Solution Explanation: Finding the Shortest Completing Word

This problem involves finding the shortest word from a given list that contains all the letters present in a license plate, respecting letter case and frequency. The solution employs a counting approach for efficient comparison.

Approach

  1. License Plate Processing:

    • We first process the licensePlate string to count the frequency of each letter (ignoring case and non-alphabetic characters). A hash map (or array for simplicity) is ideal for this; we'll use an array indexed by the letter's position in the alphabet (a=0, b=1,...).

  2. Word Iteration:

    • The code iterates through each word in the words list.

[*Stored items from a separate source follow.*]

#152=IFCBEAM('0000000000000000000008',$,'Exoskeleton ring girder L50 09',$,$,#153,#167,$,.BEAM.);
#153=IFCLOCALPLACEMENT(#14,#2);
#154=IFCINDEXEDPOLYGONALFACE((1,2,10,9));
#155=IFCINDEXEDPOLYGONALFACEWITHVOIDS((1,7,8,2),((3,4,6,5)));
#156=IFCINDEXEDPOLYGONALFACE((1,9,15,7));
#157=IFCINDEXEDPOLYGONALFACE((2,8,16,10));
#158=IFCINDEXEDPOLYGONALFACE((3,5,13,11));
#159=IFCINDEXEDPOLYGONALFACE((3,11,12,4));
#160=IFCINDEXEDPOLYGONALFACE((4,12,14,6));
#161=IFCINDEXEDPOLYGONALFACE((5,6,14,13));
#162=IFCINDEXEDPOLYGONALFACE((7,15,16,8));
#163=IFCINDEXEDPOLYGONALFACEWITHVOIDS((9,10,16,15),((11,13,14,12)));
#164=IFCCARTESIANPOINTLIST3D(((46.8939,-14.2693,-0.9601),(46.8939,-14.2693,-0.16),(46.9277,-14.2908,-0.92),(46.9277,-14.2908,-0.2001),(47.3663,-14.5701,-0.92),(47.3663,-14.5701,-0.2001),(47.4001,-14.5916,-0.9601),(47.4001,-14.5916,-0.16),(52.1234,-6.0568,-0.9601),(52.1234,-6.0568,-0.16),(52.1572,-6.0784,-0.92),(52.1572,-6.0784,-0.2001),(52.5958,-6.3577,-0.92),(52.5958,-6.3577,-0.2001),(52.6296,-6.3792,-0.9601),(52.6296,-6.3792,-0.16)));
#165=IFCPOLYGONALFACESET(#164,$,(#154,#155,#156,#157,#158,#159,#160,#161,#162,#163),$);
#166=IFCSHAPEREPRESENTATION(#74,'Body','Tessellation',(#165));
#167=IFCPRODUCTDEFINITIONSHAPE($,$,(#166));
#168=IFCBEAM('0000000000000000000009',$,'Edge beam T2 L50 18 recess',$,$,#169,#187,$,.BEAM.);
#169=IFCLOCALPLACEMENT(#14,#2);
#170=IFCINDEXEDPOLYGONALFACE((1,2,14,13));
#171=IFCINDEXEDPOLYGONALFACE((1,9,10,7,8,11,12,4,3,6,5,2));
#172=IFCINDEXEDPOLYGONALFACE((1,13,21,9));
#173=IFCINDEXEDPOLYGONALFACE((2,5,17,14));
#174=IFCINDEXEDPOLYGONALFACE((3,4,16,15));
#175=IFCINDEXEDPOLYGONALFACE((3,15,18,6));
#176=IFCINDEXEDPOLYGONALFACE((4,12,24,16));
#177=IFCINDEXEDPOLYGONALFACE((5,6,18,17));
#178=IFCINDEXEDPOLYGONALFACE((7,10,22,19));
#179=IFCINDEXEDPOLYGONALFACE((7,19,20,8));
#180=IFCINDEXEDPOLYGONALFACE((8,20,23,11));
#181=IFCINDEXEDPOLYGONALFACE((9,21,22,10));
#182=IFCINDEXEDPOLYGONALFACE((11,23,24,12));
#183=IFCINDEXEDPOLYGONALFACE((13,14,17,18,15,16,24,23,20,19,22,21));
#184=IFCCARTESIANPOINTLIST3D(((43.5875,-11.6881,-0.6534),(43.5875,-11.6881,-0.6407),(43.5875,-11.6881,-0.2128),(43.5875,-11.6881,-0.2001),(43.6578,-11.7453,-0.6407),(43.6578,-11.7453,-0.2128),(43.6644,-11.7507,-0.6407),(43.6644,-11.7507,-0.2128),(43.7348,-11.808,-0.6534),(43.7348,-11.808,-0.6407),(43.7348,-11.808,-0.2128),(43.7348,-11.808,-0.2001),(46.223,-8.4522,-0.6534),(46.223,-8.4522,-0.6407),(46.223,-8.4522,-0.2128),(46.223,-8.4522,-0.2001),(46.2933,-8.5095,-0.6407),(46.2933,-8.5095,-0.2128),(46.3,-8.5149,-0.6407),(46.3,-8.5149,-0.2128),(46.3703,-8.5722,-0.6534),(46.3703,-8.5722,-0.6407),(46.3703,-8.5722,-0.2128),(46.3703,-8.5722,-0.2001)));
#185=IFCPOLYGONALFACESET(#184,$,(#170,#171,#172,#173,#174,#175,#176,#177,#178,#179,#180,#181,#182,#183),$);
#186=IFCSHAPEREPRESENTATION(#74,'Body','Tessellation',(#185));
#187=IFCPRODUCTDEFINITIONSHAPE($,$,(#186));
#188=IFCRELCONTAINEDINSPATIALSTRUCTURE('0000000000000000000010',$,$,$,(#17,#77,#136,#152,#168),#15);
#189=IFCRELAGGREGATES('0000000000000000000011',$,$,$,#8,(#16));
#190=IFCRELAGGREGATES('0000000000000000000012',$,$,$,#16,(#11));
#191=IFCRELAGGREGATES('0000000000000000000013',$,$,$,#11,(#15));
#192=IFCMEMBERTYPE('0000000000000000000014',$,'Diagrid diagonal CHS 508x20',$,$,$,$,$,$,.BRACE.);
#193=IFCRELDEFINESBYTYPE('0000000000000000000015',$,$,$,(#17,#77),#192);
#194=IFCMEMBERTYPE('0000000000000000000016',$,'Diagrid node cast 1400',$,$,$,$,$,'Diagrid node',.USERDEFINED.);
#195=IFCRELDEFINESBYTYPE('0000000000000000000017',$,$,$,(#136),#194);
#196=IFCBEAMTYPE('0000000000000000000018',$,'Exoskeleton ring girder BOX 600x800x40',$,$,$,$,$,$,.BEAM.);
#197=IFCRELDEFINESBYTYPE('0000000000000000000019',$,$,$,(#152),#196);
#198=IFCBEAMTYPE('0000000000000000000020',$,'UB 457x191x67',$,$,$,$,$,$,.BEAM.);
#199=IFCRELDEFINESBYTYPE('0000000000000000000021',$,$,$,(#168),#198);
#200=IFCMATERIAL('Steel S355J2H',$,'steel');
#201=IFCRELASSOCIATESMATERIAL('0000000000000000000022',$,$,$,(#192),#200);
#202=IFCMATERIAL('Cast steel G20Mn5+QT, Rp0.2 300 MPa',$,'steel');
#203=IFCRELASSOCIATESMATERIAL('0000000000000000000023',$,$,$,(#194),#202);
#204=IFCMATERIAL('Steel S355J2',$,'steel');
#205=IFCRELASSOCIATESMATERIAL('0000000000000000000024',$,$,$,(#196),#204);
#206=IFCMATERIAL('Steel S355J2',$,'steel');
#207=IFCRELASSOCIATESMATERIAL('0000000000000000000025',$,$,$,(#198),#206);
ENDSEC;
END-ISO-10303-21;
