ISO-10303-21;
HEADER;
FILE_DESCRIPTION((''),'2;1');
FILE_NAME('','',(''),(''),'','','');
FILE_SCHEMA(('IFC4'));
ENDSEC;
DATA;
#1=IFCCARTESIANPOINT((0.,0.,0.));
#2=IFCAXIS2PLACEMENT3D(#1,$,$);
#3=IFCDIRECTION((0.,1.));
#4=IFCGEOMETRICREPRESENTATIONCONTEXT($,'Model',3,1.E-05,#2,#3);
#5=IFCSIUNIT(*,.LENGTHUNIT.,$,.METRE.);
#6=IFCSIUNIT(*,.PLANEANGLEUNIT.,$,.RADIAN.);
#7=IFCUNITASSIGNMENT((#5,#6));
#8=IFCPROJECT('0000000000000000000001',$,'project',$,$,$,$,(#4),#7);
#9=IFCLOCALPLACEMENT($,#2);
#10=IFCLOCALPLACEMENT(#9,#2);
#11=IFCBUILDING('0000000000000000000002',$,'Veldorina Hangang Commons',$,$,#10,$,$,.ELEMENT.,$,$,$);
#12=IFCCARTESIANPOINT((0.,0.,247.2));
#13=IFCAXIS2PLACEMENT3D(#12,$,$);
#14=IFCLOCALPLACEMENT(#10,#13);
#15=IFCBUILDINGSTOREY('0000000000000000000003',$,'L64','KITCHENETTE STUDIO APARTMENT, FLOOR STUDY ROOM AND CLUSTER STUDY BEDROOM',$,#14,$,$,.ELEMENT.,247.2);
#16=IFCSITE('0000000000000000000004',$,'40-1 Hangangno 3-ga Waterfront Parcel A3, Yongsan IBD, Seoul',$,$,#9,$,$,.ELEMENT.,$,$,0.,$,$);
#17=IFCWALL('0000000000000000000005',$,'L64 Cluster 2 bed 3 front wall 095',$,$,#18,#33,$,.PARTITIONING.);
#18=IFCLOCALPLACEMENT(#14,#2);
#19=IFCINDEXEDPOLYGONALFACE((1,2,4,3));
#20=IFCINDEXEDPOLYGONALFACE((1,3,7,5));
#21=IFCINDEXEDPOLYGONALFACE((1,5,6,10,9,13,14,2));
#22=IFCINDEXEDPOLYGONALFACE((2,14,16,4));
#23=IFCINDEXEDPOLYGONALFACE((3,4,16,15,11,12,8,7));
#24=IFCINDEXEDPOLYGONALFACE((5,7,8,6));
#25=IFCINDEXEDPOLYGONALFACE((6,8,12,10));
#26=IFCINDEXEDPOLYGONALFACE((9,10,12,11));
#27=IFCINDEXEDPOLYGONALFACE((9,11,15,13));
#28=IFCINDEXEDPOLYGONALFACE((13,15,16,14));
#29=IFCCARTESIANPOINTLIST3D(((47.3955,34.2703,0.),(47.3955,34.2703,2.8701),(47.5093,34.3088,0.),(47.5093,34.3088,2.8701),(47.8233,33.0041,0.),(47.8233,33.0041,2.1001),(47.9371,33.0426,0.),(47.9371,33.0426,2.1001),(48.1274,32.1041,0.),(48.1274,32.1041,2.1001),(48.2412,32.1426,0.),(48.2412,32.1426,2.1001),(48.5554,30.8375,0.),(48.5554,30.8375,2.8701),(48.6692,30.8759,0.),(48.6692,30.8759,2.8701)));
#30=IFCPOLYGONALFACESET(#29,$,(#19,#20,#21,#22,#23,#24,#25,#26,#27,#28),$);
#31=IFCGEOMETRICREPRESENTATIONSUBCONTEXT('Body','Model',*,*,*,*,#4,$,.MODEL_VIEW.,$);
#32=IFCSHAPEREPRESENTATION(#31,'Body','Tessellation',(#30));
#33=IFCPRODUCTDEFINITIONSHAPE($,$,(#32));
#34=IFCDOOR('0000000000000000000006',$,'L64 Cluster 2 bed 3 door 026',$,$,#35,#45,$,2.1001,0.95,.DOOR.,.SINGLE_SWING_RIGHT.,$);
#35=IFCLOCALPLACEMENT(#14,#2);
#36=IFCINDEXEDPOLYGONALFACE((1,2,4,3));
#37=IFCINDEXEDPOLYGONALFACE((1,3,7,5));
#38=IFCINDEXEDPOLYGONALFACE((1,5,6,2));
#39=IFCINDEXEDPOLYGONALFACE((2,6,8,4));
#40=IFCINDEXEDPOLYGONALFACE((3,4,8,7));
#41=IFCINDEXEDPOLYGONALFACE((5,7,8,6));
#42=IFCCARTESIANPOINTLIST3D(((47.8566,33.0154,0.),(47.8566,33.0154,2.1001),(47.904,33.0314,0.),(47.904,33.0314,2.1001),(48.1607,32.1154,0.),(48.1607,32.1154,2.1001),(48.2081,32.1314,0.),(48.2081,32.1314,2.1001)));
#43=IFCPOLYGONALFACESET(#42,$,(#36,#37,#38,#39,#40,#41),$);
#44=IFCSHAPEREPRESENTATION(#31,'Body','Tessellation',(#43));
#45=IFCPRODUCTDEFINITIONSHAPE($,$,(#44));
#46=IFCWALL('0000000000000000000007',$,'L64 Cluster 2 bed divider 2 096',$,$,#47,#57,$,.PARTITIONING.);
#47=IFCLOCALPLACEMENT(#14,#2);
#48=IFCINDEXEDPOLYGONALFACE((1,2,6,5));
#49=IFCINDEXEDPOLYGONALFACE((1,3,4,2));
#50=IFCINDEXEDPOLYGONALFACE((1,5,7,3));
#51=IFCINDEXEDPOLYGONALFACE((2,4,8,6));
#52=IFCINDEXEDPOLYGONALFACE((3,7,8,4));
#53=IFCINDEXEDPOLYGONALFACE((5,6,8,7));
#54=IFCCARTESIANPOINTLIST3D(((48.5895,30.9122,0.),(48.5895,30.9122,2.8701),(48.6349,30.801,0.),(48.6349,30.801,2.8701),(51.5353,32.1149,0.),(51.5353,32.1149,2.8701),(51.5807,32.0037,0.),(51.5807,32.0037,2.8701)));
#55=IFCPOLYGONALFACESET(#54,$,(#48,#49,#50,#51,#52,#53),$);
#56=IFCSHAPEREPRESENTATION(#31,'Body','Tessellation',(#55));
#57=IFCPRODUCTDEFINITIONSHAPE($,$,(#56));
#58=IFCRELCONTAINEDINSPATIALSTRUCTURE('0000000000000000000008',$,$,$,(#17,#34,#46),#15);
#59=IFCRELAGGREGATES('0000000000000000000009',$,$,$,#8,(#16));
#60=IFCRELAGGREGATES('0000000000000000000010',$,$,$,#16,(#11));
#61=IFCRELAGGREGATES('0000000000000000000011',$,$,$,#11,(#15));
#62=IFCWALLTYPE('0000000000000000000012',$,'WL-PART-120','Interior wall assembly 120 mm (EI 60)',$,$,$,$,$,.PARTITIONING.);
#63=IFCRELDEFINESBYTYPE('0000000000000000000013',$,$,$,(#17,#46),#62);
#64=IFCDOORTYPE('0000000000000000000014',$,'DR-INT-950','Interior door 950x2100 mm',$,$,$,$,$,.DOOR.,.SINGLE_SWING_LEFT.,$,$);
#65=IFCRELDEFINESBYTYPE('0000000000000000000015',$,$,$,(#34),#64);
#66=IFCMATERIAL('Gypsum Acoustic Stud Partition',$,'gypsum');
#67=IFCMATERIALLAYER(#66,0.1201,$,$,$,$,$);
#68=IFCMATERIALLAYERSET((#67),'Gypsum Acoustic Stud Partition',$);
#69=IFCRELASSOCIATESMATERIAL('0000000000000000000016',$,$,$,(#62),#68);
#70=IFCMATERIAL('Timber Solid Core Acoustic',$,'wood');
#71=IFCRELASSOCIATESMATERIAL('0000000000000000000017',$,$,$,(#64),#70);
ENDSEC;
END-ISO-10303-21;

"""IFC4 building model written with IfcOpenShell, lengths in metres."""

from ifc_helpers import new_model, si_unit, direction, frame, frame_2d, origin, place, context, subcontext, project, spatial, rectangle, extrude, material, layer, layer_set, type_object, element, fill, save


model = new_model("IFC4")

# Units and contexts
model_context = context("Model", 3, precision=1e-05, world=origin(), true_north=direction((0.0, 1.0)))
body_context = subcontext(model_context, "Body", "Model", "MODEL_VIEW")
ifc_project = project(units=[si_unit("LENGTHUNIT", "METRE"), si_unit("PLANEANGLEUNIT", "RADIAN")], contexts=[model_context])

# Site, building, storey
site_placement = place(None, origin())
site = spatial("IfcSite", under=ifc_project, at=site_placement, Name="40-1 Hangangno 3-ga Waterfront Parcel A3, Yongsan IBD, Seoul", CompositionType="ELEMENT", RefElevation=0.0)
building_placement = place(site_placement, origin())
building = spatial("IfcBuilding", under=site, at=building_placement, Name="Veldorina Hangang Commons", CompositionType="ELEMENT")
storey_placement = place(building_placement, frame((0.0, 0.0, 247.2)))
storey = spatial("IfcBuildingStorey", under=building, at=storey_placement, Name="L64", Description="KITCHENETTE STUDIO APARTMENT, FLOOR STUDY ROOM AND CLUSTER STUDY BEDROOM", CompositionType="ELEMENT", Elevation=247.2)

# Shared definitions
ifc_material_1 = material(Name="Gypsum Acoustic Stud Partition", Category="gypsum")
ifc_layer_1 = layer(ifc_material_1, 0.1201)
ifc_layer_set_1 = layer_set([ifc_layer_1], Name="Gypsum Acoustic Stud Partition")
wall_type_1 = type_object("IfcWallType", Name="WL-PART-120", Description="Interior wall assembly 120 mm (EI 60)", PredefinedType="PARTITIONING", material=ifc_layer_set_1)
ifc_material_2 = material(Name="Timber Solid Core Acoustic", Category="wood")
door_type_1 = type_object("IfcDoorType", Name="DR-INT-950", Description="Interior door 950x2100 mm", OperationType="SINGLE_SWING_LEFT", PredefinedType="DOOR", material=ifc_material_2)

# Wall, opening, door
wall_1_placement = place(storey_placement, frame((48.6123, 30.8567, 0.0), z_axis=(0.0, 0.0, 1.0), x_axis=(-0.320106, 0.947382, 0.0)))
wall_1 = element("IfcWall", 1, at=wall_1_placement, inside=storey, type_object=wall_type_1, Name="L64 Cluster 2 bed 3 front wall 095", PredefinedType="PARTITIONING", context=body_context, shape_type="SweptSolid", body=[
    extrude(rectangle(XDim=3.6235, YDim=0.1201, at=frame_2d((1.8118, 0.0))), origin(), (0.0, 0.0, 1.0), 2.8701),
])
opening_1_placement = place(wall_1_placement, frame((1.3369, 0.0, 0.0)))
opening_1 = element("IfcOpeningElement", 2, at=opening_1_placement, cuts=wall_1, PredefinedType="OPENING", context=body_context, shape_type="SweptSolid", body=[
    extrude(rectangle(XDim=0.95, YDim=2.1001, at=frame_2d((0.4751, 1.05))), frame((0.0, 0.0701, 0.0), z_axis=(0.0, -1.0, 0.0), x_axis=(1.0, 0.0, 0.0)), (0.0, 0.0, 1.0), 0.1401),
])
door_1_placement = place(opening_1_placement, origin())
door_1 = element("IfcDoor", 3, at=door_1_placement, inside=storey, type_object=door_type_1, Name="L64 Cluster 2 bed 3 door 026", OperationType="SINGLE_SWING_RIGHT", OverallHeight=2.1001, OverallWidth=0.95, PredefinedType="DOOR", context=body_context, shape_type="SweptSolid", body=[
    extrude(rectangle(XDim=0.95, YDim=2.1001, at=frame_2d((0.4751, 1.05))), frame((0.0, 0.0249, 0.0), z_axis=(0.0, -1.0, 0.0), x_axis=(1.0, 0.0, 0.0)), (0.0, 0.0, 1.0), 0.05),
])
fill(opening_1, door_1)

# Wall
wall_2_placement = place(storey_placement, frame((48.6123, 30.8567, 0.0), z_axis=(0.0, 0.0, 1.0), x_axis=(0.925818, 0.377969, 0.0)))
element("IfcWall", 4, at=wall_2_placement, inside=storey, type_object=wall_type_1, Name="L64 Cluster 2 bed divider 2 096", PredefinedType="PARTITIONING", context=body_context, shape_type="SweptSolid", body=[
    extrude(rectangle(XDim=3.1819, YDim=0.1201, at=frame_2d((1.5908, 0.0))), origin(), (0.0, 0.0, 1.0), 2.8701),
])

save(model, "model.ifc")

  3. Word Frequency Counting:

    • For each word, we count the letter frequencies similarly to step 1.

  4. Comparison and Shortest Word Selection:

    • We compare the word's letter frequencies with the licensePlate's frequencies. A word is a "completing word" only if its frequency for each letter is greater than or equal to the frequency in the licensePlate.
    • If a word is a completing word, we check its length against the current shortest completing word found so far. We update the shortest completing word if a shorter one is found.

  5. Return Value:

    • The function returns the shortest completing word.

Time and Space Complexity

  • Time Complexity: O(mn), where 'm' is the length of the words array, and 'n' is the maximum length of a word in words. This is because we iterate through each word and count its letter frequencies which is a linear process based on the word's length. The initial processing of the licensePlate is O(k), where k is the length of licensePlate, which is dominated by O(mn).
  • Space Complexity: O(1). We use arrays of size 26 (to store letter counts) which takes constant space irrespective of input size.

Code (Python)

from collections import Counter
 
def shortestCompletingWord(licensePlate, words):
    plate_counts = Counter(c.lower() for c in licensePlate if c.isalpha())  # Count license plate letter frequencies
    shortest_word = ""
    for word in words:
        word_counts = Counter(word)
        if all(word_counts[char] >= plate_counts[char] for char in plate_counts): # Check if word completes
            if not shortest_word or len(word) < len(shortest_word):
                shortest_word = word
    return shortest_word

The code in other languages (Java, C++, Go, TypeScript, Rust) follows a similar structure, adapting the syntax and data structures accordingly. The core algorithm remains consistent across all implementations.